Accurate alignment is vital to the operating life of rotating equipment. Bearings, mechanical seals, packing, and couplings are all directly affected by the alignment of shaft center lines. The goal of the alignment process is to create a straight line through the coupling (as shown in the image below). The two coupled shafts are considered to be perfectly aligned when their center lines are coaxial at the operating condition.
It has been found that 50 to 70% of all vibration problems in machines are caused by misalignment. A thorough understanding of what conditions create misalignment will help us understand what needs to be done to correct it.
Types of Misalignment
There are two basic types of misalignment: parallel (or offset) and angular. Both types can be found in the vertical and horizontal planes. Typically, a combination of offset and angular misalignment is found in both directions, as shown in the image below. To achieve our goal, we must correct both types of misalignment in each direction.
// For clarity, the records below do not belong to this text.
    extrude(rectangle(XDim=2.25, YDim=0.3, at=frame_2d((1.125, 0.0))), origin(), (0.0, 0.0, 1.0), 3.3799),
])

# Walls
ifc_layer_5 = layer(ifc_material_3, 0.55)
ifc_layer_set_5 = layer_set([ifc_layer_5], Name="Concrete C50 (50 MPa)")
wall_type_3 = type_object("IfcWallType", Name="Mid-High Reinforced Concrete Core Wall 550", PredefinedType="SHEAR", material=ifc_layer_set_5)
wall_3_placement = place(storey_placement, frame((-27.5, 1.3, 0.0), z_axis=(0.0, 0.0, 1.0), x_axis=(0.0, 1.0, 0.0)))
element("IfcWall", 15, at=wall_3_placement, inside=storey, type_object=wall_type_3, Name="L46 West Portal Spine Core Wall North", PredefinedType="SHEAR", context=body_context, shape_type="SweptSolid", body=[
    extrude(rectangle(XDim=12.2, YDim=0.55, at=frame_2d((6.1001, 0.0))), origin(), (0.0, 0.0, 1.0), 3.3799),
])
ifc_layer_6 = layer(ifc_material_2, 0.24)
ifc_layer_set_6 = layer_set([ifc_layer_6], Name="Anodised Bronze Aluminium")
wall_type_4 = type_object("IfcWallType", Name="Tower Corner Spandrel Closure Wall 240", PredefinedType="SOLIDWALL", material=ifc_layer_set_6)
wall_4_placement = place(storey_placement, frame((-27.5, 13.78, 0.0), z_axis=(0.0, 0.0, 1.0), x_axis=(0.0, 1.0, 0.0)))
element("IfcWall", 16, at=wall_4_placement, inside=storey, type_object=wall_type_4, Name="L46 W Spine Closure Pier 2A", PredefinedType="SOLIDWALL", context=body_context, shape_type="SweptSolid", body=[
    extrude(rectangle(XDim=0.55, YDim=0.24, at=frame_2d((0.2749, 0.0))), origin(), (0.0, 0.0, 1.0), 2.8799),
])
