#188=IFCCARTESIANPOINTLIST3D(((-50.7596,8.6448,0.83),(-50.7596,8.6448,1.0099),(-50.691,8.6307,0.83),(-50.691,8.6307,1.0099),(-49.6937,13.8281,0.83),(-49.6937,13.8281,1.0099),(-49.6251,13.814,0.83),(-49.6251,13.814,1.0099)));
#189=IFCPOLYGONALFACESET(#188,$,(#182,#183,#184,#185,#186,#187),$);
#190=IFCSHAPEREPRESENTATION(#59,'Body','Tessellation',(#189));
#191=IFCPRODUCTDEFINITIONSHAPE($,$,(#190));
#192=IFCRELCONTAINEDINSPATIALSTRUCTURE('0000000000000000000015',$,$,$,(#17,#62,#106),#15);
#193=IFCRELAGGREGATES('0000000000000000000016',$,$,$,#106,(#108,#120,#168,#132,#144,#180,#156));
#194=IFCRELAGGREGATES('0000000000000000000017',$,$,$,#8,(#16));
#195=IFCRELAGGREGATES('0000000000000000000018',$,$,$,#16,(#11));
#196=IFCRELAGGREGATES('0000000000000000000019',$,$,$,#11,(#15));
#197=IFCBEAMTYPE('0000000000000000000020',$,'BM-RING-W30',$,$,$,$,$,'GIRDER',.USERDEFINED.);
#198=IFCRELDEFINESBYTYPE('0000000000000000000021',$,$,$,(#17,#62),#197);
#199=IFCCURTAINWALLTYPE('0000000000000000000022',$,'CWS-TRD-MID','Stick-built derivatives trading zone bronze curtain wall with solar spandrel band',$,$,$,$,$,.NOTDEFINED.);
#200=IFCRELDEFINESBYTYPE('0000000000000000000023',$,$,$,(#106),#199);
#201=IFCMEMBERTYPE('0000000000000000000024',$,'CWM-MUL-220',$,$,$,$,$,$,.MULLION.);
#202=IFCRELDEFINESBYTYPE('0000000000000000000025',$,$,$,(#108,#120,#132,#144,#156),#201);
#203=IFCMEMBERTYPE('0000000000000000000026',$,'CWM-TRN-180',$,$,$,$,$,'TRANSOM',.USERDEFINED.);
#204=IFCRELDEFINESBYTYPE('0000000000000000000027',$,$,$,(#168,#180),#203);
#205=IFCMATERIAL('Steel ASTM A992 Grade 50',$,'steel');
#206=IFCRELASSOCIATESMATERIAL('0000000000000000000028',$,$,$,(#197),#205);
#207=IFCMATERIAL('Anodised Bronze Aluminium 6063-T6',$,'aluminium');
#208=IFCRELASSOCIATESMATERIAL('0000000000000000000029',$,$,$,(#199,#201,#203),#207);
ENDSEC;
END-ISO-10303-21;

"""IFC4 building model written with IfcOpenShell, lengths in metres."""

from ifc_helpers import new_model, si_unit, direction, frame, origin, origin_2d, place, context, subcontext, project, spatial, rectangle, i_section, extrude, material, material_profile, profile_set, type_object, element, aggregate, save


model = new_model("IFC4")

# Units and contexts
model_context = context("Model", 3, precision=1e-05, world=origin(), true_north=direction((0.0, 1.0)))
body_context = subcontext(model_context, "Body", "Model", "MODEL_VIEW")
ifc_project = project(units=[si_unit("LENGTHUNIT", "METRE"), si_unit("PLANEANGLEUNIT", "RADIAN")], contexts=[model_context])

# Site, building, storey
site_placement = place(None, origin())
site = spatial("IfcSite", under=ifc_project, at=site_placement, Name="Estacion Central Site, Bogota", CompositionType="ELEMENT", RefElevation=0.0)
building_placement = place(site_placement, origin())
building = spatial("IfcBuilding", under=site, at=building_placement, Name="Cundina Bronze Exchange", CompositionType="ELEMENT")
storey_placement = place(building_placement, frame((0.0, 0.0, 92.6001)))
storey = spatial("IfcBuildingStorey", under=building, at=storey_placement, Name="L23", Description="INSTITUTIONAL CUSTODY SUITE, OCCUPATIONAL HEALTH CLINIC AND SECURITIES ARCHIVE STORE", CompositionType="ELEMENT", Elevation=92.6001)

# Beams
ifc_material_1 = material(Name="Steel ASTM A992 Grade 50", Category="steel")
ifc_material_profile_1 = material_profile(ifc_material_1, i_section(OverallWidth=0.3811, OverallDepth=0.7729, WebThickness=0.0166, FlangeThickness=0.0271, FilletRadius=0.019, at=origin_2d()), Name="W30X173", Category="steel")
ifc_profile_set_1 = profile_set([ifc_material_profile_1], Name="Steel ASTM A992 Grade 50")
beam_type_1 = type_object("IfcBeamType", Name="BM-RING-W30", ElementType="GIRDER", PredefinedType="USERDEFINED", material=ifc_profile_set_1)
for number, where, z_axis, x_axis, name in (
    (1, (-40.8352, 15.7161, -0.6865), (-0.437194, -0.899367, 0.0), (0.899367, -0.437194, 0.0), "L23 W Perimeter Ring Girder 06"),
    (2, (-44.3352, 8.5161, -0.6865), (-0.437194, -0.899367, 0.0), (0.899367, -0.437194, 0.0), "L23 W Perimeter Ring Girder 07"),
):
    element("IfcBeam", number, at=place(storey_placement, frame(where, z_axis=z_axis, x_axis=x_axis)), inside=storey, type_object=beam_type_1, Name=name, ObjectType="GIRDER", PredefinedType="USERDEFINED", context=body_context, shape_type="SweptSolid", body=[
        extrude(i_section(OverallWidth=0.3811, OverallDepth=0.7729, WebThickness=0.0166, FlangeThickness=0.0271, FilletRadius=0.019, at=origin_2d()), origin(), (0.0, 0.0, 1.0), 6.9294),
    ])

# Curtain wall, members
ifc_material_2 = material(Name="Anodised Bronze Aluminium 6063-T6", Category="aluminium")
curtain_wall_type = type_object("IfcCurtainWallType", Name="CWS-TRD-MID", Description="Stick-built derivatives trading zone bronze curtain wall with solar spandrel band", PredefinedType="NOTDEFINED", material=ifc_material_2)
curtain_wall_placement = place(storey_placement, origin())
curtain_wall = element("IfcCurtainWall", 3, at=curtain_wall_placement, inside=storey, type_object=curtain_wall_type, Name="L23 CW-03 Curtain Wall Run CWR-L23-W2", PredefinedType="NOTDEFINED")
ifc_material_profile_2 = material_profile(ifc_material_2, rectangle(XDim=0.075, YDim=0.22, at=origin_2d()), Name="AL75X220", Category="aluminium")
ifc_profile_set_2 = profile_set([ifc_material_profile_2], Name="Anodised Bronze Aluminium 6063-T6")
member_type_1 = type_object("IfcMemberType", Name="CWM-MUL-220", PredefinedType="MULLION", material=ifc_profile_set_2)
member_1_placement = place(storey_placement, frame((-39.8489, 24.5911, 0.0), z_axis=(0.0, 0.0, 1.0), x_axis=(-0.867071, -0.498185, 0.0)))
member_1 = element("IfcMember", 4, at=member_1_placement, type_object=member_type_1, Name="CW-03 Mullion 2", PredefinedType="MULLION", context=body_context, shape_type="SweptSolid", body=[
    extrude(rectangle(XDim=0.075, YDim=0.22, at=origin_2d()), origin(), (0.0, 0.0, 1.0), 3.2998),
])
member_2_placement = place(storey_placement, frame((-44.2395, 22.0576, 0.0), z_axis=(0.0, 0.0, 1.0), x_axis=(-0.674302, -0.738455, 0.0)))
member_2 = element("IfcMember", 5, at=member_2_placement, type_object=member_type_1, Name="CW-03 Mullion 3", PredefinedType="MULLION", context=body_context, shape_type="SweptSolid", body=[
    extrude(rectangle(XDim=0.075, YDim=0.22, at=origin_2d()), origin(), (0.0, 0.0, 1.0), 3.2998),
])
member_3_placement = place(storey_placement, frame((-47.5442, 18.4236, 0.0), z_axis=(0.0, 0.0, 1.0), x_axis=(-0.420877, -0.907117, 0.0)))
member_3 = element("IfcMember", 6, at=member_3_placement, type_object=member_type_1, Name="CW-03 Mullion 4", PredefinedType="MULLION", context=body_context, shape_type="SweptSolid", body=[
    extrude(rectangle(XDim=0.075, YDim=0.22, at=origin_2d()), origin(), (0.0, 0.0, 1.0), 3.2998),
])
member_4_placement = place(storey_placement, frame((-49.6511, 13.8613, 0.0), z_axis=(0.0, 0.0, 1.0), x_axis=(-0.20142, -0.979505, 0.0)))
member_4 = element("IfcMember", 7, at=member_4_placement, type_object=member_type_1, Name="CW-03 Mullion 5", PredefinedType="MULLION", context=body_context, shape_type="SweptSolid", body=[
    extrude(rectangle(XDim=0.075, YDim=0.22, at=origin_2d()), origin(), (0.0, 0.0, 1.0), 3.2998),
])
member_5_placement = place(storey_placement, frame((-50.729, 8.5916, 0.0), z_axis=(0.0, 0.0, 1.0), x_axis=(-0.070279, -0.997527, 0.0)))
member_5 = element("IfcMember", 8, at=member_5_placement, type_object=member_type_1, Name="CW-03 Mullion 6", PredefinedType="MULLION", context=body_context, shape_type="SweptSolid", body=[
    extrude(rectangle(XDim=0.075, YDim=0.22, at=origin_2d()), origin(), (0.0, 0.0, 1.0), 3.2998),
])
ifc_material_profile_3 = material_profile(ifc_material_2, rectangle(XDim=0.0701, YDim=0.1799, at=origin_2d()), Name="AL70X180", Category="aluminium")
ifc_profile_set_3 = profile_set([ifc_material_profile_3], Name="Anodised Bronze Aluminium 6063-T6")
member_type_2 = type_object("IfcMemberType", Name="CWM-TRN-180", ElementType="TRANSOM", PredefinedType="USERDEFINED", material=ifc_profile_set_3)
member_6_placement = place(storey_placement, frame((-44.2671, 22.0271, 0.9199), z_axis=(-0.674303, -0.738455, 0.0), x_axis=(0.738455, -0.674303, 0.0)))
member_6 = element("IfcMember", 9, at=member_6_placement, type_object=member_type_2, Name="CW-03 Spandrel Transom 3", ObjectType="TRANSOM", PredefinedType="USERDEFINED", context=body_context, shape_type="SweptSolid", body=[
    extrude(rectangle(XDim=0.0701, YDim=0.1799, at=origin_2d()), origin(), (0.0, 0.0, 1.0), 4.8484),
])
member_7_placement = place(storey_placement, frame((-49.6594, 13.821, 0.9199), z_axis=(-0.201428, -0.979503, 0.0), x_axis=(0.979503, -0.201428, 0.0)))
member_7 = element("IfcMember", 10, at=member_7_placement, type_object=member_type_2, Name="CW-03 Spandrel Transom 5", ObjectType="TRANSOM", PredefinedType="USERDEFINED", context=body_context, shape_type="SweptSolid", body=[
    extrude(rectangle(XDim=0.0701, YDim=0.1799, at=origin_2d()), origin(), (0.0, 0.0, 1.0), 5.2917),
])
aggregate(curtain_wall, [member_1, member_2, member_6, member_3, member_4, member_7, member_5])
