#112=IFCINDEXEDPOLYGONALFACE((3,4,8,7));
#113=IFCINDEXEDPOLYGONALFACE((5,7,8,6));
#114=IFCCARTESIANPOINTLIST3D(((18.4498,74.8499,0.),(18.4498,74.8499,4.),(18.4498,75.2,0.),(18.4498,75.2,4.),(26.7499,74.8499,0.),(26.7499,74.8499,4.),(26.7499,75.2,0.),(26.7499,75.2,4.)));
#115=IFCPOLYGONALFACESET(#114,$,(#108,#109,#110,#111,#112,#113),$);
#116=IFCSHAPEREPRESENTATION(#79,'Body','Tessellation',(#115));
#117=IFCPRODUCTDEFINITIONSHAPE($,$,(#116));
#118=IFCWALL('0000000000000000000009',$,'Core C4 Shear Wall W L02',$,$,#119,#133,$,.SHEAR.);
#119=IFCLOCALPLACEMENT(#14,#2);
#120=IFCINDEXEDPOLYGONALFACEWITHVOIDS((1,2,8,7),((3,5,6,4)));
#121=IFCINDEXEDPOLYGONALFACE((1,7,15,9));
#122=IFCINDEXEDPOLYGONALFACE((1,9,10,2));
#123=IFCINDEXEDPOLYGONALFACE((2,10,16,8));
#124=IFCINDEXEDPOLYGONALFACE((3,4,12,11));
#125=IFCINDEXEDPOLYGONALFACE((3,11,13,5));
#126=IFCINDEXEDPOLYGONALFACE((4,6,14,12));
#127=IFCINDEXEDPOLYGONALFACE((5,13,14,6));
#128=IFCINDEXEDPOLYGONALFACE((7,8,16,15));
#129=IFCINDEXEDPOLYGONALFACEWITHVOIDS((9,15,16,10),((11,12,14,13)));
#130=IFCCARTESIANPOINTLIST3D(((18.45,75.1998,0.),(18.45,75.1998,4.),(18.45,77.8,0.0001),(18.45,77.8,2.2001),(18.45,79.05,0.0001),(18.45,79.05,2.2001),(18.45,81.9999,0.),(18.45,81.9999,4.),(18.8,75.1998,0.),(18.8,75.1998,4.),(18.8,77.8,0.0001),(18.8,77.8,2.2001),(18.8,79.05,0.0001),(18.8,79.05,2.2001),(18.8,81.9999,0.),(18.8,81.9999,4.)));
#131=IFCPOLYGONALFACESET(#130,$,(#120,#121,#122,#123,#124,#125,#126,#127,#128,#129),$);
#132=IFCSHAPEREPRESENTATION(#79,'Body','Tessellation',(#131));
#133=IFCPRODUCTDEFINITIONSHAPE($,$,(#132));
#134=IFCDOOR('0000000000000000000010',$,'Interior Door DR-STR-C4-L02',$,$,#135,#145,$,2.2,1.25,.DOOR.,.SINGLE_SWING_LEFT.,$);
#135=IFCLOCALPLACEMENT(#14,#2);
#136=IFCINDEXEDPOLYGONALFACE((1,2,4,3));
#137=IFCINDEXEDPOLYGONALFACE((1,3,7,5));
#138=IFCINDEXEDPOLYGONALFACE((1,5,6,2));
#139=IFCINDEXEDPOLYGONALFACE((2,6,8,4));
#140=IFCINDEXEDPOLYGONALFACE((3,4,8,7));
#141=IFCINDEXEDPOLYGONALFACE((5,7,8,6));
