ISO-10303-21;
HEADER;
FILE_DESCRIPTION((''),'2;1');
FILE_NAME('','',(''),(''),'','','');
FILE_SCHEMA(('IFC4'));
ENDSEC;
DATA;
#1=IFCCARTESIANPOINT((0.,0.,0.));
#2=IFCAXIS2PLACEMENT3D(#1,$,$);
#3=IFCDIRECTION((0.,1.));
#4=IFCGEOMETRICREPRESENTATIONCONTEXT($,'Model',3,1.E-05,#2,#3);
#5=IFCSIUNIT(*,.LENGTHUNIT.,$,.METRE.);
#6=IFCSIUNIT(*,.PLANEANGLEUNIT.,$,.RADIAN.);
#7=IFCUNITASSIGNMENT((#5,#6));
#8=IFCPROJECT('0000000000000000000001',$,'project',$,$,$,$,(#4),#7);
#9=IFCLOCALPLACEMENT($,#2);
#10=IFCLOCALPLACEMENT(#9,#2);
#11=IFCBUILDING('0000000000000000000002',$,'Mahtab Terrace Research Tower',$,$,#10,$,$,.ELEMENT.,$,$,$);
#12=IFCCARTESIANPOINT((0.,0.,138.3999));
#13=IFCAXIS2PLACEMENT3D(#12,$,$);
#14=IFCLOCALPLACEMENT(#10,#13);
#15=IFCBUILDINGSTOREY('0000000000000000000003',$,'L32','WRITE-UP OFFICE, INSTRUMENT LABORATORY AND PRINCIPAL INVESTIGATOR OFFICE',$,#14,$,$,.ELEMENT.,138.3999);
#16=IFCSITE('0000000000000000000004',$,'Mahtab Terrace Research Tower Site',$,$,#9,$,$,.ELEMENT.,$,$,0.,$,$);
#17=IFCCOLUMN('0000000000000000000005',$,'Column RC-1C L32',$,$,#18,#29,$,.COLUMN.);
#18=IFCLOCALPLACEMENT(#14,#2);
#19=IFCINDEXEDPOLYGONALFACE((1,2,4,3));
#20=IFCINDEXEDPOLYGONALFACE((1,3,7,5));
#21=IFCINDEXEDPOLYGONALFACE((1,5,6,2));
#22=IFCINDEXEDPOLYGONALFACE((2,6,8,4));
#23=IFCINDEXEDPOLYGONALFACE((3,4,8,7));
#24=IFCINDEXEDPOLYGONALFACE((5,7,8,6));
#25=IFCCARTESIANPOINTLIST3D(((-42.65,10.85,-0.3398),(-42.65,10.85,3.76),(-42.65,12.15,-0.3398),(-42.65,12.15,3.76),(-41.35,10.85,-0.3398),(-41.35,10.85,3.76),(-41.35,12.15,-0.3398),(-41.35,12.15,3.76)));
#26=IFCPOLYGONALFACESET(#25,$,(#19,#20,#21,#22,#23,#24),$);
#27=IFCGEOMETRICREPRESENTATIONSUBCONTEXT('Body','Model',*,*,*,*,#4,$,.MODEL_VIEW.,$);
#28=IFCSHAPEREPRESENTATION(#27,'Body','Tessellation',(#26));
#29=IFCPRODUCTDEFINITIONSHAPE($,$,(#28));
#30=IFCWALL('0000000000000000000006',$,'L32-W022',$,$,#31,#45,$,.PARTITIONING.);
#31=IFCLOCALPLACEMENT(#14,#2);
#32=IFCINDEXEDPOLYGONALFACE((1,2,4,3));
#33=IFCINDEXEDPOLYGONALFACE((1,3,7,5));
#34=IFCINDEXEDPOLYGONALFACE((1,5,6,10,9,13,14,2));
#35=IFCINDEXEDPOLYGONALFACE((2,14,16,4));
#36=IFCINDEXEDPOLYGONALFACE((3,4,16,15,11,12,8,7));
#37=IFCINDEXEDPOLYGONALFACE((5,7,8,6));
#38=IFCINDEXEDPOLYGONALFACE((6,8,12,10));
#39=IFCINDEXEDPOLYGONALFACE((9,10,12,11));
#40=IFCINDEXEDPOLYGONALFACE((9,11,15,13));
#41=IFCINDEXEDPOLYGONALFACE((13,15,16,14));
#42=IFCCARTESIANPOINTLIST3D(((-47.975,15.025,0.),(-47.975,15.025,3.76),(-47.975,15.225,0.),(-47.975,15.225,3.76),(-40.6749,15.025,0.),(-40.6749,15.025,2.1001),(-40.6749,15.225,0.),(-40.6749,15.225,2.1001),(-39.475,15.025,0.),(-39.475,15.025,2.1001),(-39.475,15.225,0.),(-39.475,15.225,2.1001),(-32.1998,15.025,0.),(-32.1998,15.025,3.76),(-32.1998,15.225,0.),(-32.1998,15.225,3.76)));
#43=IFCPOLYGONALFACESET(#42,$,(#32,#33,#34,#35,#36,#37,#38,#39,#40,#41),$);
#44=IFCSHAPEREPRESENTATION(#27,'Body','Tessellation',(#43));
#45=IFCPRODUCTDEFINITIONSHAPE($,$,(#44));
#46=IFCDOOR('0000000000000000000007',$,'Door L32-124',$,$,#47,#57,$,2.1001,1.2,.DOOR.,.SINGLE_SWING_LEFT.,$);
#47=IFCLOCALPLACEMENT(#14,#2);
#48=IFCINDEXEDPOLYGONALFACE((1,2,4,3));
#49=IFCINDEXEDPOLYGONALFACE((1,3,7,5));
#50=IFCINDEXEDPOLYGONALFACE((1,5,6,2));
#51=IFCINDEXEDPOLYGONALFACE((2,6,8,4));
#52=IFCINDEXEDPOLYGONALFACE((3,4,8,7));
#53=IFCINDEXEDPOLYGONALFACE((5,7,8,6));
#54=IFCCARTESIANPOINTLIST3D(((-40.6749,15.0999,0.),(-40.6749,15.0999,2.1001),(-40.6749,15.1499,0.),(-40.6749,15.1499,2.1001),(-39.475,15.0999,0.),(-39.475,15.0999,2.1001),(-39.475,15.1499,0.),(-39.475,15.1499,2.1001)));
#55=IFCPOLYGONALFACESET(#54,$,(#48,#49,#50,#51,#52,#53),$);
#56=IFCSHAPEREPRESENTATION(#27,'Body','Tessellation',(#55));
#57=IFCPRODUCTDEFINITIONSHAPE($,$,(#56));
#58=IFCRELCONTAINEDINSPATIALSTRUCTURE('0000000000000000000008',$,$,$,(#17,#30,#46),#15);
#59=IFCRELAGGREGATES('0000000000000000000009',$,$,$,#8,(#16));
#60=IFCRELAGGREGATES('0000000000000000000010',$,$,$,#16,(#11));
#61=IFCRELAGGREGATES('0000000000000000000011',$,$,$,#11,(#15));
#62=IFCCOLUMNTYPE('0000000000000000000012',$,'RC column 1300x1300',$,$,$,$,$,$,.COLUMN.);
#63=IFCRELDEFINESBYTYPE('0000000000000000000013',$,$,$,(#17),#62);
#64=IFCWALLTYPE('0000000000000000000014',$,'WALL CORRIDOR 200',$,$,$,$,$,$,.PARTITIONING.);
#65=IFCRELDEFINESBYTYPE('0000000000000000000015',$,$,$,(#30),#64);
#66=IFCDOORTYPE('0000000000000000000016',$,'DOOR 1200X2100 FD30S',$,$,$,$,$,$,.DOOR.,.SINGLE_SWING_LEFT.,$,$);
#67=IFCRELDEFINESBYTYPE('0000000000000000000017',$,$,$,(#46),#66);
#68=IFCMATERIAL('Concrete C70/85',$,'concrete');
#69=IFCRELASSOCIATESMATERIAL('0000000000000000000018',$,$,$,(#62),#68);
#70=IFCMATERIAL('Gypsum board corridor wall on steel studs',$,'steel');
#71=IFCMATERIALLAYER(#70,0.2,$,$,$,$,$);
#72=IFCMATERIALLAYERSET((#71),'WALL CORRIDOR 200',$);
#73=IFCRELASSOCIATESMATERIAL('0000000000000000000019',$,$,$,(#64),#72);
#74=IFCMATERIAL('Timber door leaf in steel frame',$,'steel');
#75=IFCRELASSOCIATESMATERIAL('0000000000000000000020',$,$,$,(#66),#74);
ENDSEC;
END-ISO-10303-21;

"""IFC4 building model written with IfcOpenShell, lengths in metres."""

from ifc_helpers import new_model, si_unit, direction, frame, frame_2d, origin, origin_2d, place, context, subcontext, project, spatial, rectangle, extrude, material, layer, layer_set, material_profile, profile_set, type_object, element, fill, save


model = new_model("IFC4")

# Units and contexts
model_context = context("Model", 3, precision=1e-05, world=origin(), true_north=direction((0.0, 1.0)))
body_context = subcontext(model_context, "Body", "Model", "MODEL_VIEW")
ifc_project = project(units=[si_unit("LENGTHUNIT", "METRE"), si_unit("PLANEANGLEUNIT", "RADIAN")], contexts=[model_context])

# Site, building, storey
site_placement = place(None, origin())
site = spatial("IfcSite", under=ifc_project, at=site_placement, Name="Mahtab Terrace Research Tower Site", CompositionType="ELEMENT", RefElevation=0.0)
building_placement = place(site_placement, origin())
building = spatial("IfcBuilding", under=site, at=building_placement, Name="Mahtab Terrace Research Tower", CompositionType="ELEMENT")
storey_placement = place(building_placement, frame((0.0, 0.0, 138.3999)))
storey = spatial("IfcBuildingStorey", under=building, at=storey_placement, Name="L32", Description="WRITE-UP OFFICE, INSTRUMENT LABORATORY AND PRINCIPAL INVESTIGATOR OFFICE", CompositionType="ELEMENT", Elevation=138.3999)

# Column
ifc_material_1 = material(Name="Concrete C70/85", Category="concrete")
ifc_material_profile = material_profile(ifc_material_1, rectangle(XDim=1.3, YDim=1.3, at=origin_2d()), Name="RC column 1300x1300")
ifc_profile_set = profile_set([ifc_material_profile], Name="Concrete C70/85")
column_type = type_object("IfcColumnType", Name="RC column 1300x1300", PredefinedType="COLUMN", material=ifc_profile_set)
column_placement = place(storey_placement, frame((-42.0, 11.5, -0.3398), z_axis=(0.0, 0.0, 1.0), x_axis=(1.0, 0.0, 0.0)))
element("IfcColumn", 1, at=column_placement, inside=storey, type_object=column_type, Name="Column RC-1C L32", PredefinedType="COLUMN", context=body_context, shape_type="SweptSolid", body=[
    extrude(rectangle(XDim=1.3, YDim=1.3, at=origin_2d()), origin(), (0.0, 0.0, 1.0), 4.0999),
])

# Wall, opening, door
ifc_material_2 = material(Name="Gypsum board corridor wall on steel studs", Category="steel")
ifc_layer = layer(ifc_material_2, 0.2)
ifc_layer_set = layer_set([ifc_layer], Name="WALL CORRIDOR 200")
wall_type = type_object("IfcWallType", Name="WALL CORRIDOR 200", PredefinedType="PARTITIONING", material=ifc_layer_set)
wall_placement = place(storey_placement, frame((-47.9751, 15.125, 0.0), z_axis=(0.0, 0.0, 1.0), x_axis=(1.0, 0.0, 0.0)))
wall = element("IfcWall", 2, at=wall_placement, inside=storey, type_object=wall_type, Name="L32-W022", PredefinedType="PARTITIONING", context=body_context, shape_type="SweptSolid", body=[
    extrude(rectangle(XDim=15.7751, YDim=0.2, at=frame_2d((7.8877, 0.0))), origin(), (0.0, 0.0, 1.0), 3.76),
])
opening_placement = place(wall_placement, frame((7.3, 0.0, 0.0)))
opening = element("IfcOpeningElement", 3, at=opening_placement, cuts=wall, PredefinedType="OPENING", context=body_context, shape_type="SweptSolid", body=[
    extrude(rectangle(XDim=1.2, YDim=2.1001, at=frame_2d((0.6001, 1.05))), frame((0.0, 0.1099, 0.0), z_axis=(0.0, -1.0, 0.0), x_axis=(1.0, 0.0, 0.0)), (0.0, 0.0, 1.0), 0.22),
])
ifc_material_3 = material(Name="Timber door leaf in steel frame", Category="steel")
door_type = type_object("IfcDoorType", Name="DOOR 1200X2100 FD30S", OperationType="SINGLE_SWING_LEFT", PredefinedType="DOOR", material=ifc_material_3)
door_placement = place(opening_placement, origin())
door = element("IfcDoor", 4, at=door_placement, inside=storey, type_object=door_type, Name="Door L32-124", OperationType="SINGLE_SWING_LEFT", OverallHeight=2.1001, OverallWidth=1.2, PredefinedType="DOOR", context=body_context, shape_type="SweptSolid", body=[
    extrude(rectangle(XDim=1.2, YDim=2.1001, at=frame_2d((0.6001, 1.05))), frame((0.0, 0.0249, 0.0), z_axis=(0.0, -1.0, 0.0), x_axis=(1.0, 0.0, 0.0)), (0.0, 0.0, 1.0), 0.05),
])
fill(opening, door)

save(model, "model.ifc")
Two additional conditions must be addressed. The axial location of the machines and the baseplate are important to the operation. The proper shaft-to-shaft distance must be maintained, particularly when a limited end float coupling is being used (as shown in the image below).
Torsional effect, or machine torque, may also need to be considered when aligning the equipment, shown in the image below. Machines may move horizontally during start-up and operation. These are not entirely alignment subjects, but we should be aware of their importance when performing alignments.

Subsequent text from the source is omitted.